Tukulpan zugu It is, among other Mapuche expressions, to exercise our capacity to dialogue with history, to bring to our present the living past, to recreate, to reconstruct events and knowledge, to explain the present, to obtain learning and to project the future. Tukulpan zugu: An urgent challenge in our time, which will allow us to travel from the demand of obligatory history to the transformation of the curriculum and to a deep reflection of the educational system. As part of this challenge, complex and non-adversary, the debate should be opened to take charge of genocide, colonization, plundering, implicit and naturalized racism in the formation of the Chilean State and its educational institutions in our Territories. As part of this challenge, it is urgent that the new generations should recognize that despite genocide and colonization, indigenous peoples and the Mapuche people are living peoples; Not petrified identities that have taxed the story of the crossbreeding that founded Chilean nationalism. It is the challenge to self-recognize that we have a language like Mapuzügun, not a dialect; To assume that we do not belong to the social place and of subordination that we have been assigned, such as servants, pawns, excellent gardeners (in the words of Villalobos), domestic workers, terrorists or appendices to a Chilean history of supplanting It plays in our own territories. It is the challenge of getting to know our diversities and contradictions, the importance of defending life in our history and the indispensable struggle for freedom and decolonization that we feel proud of.

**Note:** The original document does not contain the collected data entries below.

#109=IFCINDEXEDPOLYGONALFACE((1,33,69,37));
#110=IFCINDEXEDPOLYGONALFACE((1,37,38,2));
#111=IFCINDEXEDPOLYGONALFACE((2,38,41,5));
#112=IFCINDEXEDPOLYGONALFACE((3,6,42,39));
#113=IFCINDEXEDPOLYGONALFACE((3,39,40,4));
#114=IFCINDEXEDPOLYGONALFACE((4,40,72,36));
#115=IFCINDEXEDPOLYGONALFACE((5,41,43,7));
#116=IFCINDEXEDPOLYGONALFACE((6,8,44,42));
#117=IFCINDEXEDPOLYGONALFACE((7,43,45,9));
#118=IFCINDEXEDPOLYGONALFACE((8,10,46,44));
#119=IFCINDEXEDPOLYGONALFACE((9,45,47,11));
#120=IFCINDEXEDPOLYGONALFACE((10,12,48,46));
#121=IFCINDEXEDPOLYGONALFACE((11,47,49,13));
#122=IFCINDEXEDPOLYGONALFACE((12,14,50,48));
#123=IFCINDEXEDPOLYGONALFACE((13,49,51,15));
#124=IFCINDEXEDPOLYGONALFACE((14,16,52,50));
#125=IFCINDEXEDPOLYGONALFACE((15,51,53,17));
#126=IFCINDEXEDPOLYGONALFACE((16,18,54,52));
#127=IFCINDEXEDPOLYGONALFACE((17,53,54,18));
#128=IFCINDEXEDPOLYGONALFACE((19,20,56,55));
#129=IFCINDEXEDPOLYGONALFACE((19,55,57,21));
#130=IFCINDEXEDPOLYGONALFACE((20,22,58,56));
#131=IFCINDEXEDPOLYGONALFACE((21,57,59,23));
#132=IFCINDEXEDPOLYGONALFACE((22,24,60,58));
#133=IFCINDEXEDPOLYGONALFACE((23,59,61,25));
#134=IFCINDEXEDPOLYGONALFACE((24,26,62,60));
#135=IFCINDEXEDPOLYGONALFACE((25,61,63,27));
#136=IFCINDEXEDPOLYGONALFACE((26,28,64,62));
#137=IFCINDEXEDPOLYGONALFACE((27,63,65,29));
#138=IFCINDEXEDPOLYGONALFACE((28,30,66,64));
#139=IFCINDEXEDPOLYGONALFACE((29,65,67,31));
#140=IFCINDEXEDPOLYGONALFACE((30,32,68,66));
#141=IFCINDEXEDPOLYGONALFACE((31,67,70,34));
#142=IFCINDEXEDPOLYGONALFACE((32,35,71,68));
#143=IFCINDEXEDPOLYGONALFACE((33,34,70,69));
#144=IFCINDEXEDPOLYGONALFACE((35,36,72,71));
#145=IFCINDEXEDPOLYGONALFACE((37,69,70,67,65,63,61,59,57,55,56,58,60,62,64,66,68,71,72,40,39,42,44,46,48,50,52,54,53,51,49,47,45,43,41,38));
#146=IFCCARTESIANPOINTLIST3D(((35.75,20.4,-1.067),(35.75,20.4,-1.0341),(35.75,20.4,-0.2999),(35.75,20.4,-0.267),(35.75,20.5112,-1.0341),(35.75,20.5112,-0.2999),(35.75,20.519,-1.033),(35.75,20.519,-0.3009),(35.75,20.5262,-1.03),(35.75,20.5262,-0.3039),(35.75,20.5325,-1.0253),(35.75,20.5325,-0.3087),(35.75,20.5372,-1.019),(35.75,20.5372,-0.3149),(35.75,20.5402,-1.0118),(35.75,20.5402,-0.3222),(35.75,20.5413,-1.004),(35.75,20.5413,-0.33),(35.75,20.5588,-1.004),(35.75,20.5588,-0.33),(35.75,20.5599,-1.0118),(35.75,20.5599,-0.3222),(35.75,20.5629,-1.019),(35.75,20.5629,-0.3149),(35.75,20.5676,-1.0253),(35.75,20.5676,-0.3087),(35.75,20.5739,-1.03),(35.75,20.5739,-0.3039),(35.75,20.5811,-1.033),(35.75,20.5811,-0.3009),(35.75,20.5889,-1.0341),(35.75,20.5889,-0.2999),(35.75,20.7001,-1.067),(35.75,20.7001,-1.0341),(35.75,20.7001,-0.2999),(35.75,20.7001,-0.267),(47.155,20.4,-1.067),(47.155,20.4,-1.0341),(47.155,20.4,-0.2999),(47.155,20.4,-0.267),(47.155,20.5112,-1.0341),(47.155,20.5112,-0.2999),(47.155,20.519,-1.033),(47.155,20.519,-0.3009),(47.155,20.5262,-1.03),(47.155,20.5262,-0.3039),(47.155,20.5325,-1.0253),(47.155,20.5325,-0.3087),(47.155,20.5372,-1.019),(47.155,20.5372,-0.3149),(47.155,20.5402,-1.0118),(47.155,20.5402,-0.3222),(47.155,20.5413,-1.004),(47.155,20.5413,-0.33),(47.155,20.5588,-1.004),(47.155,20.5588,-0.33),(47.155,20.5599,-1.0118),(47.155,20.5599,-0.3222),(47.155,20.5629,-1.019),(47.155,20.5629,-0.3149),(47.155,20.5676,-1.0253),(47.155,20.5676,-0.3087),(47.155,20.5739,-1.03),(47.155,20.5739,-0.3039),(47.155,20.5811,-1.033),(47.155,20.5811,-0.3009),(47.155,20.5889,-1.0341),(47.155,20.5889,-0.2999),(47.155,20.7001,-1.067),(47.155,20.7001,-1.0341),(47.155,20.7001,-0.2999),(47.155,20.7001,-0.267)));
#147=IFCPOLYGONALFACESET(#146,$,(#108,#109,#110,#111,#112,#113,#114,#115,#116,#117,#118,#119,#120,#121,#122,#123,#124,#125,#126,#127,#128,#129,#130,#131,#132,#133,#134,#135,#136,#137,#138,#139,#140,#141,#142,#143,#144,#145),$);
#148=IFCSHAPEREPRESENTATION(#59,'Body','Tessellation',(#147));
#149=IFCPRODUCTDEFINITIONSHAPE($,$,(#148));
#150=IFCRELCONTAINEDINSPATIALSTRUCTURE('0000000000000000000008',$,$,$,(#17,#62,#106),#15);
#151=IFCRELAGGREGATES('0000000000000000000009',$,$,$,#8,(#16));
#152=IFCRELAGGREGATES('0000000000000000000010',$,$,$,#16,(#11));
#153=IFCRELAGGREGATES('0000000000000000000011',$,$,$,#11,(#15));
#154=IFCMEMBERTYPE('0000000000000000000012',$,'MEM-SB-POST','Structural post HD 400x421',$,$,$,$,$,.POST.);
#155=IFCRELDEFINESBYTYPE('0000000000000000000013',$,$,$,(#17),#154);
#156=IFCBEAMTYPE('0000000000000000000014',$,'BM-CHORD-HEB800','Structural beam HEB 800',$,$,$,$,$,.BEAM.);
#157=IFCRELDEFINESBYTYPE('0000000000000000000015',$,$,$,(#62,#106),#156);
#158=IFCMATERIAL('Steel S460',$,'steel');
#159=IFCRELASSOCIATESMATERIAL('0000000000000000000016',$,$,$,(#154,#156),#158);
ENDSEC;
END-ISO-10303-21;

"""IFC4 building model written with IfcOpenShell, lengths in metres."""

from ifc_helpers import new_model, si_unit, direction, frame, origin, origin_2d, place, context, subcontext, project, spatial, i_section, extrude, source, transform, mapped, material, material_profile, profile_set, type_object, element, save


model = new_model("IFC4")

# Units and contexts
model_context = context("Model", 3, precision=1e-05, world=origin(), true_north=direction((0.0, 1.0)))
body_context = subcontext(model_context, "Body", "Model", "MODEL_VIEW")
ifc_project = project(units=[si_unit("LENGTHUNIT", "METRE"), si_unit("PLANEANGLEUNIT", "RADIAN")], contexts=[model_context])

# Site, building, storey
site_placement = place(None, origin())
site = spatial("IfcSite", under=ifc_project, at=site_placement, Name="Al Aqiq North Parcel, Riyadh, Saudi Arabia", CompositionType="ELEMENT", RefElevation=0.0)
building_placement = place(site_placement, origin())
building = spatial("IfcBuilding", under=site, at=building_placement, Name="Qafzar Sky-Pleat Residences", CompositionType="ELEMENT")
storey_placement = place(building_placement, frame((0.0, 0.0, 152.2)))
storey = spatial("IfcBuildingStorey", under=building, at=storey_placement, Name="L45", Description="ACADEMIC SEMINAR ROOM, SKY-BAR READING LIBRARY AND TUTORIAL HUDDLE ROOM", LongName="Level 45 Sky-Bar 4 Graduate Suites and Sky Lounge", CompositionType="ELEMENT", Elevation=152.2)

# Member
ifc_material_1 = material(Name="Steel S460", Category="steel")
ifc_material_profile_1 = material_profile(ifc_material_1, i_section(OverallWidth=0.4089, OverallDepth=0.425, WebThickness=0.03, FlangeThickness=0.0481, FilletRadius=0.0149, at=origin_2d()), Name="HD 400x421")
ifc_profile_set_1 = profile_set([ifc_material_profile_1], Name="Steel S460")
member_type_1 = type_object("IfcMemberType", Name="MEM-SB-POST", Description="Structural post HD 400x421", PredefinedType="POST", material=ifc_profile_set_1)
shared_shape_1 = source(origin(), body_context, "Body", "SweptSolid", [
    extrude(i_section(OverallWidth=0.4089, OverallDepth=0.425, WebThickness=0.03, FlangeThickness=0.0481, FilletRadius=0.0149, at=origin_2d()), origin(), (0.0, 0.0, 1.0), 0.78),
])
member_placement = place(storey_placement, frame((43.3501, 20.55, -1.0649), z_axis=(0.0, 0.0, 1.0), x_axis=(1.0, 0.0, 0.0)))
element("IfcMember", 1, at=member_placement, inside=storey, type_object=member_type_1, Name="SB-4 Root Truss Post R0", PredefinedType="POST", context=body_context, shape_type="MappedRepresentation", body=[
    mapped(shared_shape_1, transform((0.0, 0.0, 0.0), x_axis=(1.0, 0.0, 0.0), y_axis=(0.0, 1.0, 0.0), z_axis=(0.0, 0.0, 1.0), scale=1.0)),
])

The new generations settled in our territories – and those who come to be integrated – have the right to speak frankly with this living past and with our present. Not only to rediscover, coexist and co-exist, but also to confront creatively these times of danger and interweaving creatively alternatives and New Horizons.

The content poured in this opinion column is the sole responsibility of its author, and does not necessarily reflect the editorial line or position of the counter.